本当の言葉、本当の魂、本当の説明、本当の理論。
言葉は嘘をつく。魂も抑圧された結果、偽物が表層に現れることがよくある。というか、そうすることで社会は回っているのだろう。
しかし「本当の経験」という言い方は成り立たない。「経験は本当」が正しい。
もちろん、私たちが手に入れることができる「本当」は、推測統計学的には未知の母数θに対するθハットに過ぎないわけだが。そして、母集団の分布の仮定も、ただの仮定にすぎず、絶えず本当とのずれがある。
ここでいう本当とは、<<現実>>あるいは<<存在>>と言い直してもいいのかもしれない。
この1年間、この<<現実>>を、主に社会学的なアプローチで1mmでもすくい取ろうと努力してきた。

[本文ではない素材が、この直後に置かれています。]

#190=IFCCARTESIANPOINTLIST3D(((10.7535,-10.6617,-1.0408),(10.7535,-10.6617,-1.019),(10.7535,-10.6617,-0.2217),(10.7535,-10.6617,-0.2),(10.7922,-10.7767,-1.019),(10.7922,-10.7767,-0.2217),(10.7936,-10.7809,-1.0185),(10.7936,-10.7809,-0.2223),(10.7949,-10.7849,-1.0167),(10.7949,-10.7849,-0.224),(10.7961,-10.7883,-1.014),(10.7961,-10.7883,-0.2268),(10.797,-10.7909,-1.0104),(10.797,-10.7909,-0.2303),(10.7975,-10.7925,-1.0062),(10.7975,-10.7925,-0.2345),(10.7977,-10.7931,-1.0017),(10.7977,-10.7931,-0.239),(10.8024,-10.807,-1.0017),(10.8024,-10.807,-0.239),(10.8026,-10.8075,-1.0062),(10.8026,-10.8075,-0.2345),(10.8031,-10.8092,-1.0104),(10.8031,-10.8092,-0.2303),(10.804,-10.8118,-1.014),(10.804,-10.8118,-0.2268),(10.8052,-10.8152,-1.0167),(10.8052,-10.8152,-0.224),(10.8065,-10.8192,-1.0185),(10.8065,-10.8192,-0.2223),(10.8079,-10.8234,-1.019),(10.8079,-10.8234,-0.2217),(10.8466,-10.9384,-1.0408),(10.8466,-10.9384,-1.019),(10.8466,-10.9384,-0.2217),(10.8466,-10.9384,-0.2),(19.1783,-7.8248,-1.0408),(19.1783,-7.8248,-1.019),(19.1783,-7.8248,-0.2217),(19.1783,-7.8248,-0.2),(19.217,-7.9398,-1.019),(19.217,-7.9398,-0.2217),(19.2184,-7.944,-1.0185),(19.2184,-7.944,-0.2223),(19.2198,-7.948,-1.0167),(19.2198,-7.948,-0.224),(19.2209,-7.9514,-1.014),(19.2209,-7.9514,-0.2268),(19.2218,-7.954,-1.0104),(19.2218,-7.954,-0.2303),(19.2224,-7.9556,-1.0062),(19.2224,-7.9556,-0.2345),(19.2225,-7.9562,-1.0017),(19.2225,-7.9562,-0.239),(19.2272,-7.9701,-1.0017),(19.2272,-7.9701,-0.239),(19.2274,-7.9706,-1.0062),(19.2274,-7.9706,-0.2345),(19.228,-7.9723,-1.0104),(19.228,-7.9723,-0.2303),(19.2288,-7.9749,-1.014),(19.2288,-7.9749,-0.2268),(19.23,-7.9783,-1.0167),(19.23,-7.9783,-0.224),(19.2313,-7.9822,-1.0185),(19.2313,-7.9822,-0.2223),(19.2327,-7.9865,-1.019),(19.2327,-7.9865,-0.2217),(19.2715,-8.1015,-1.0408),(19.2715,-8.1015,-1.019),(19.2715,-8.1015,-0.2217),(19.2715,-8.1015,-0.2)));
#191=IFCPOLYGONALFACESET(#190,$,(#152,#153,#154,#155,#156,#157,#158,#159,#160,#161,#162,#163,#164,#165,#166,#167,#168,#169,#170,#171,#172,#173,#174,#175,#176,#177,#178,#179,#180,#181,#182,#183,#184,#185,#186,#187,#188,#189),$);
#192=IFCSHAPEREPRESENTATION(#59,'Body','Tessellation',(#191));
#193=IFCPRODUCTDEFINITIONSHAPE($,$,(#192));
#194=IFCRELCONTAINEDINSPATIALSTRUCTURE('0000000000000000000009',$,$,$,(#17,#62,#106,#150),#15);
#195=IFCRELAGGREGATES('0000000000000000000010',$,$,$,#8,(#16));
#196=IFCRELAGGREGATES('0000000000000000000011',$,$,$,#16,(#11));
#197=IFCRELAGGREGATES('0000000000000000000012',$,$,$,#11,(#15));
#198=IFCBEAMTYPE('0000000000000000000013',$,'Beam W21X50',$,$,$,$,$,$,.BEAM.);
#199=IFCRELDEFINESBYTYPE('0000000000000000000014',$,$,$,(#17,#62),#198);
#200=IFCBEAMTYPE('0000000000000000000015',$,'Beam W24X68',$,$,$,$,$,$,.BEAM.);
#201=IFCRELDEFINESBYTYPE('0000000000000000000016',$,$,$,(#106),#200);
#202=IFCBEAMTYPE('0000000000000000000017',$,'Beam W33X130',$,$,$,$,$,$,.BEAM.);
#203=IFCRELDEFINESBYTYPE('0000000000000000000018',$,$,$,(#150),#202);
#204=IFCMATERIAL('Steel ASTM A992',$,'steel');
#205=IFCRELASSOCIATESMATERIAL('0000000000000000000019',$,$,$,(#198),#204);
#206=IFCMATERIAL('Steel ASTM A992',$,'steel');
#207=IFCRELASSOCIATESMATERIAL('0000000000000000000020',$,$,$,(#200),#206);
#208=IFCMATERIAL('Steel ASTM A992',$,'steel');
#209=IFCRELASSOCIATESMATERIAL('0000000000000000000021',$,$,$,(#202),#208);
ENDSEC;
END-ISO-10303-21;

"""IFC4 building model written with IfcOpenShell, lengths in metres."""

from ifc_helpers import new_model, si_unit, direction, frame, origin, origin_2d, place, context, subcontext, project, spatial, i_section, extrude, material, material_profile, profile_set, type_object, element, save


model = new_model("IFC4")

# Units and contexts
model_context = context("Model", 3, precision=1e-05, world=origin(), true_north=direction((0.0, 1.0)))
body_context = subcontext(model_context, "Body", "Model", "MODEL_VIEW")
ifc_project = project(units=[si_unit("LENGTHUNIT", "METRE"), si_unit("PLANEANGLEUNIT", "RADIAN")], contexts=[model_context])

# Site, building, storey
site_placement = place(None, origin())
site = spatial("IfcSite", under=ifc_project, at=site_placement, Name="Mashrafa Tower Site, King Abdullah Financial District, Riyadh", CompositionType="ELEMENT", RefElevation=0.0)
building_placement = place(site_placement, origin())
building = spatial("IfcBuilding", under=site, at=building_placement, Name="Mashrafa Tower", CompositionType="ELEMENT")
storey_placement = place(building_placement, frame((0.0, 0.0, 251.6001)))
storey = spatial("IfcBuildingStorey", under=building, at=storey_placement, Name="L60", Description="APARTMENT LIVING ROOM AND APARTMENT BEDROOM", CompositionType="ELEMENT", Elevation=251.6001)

以前はそれを文学のアプローチでやろうとしていたし、その方法もまだ諦めていない。
「本当のこと」を曝け出す姿勢は、研究や創作だけでなく、自分の生き方そのものと密接に関わっている。
自分の本当の声に忠実に生きる。
それだけが、自分が積み重ねてきた生き方と言える。
高校生のとき、私が英語の授業中に窓から雲を眺めていると、担任でもあった英語教師が「人生前向き」と言いながら後ろから手で私の顔を前に向けた。
人生はあくまで前向きに。
それでは良いお年を。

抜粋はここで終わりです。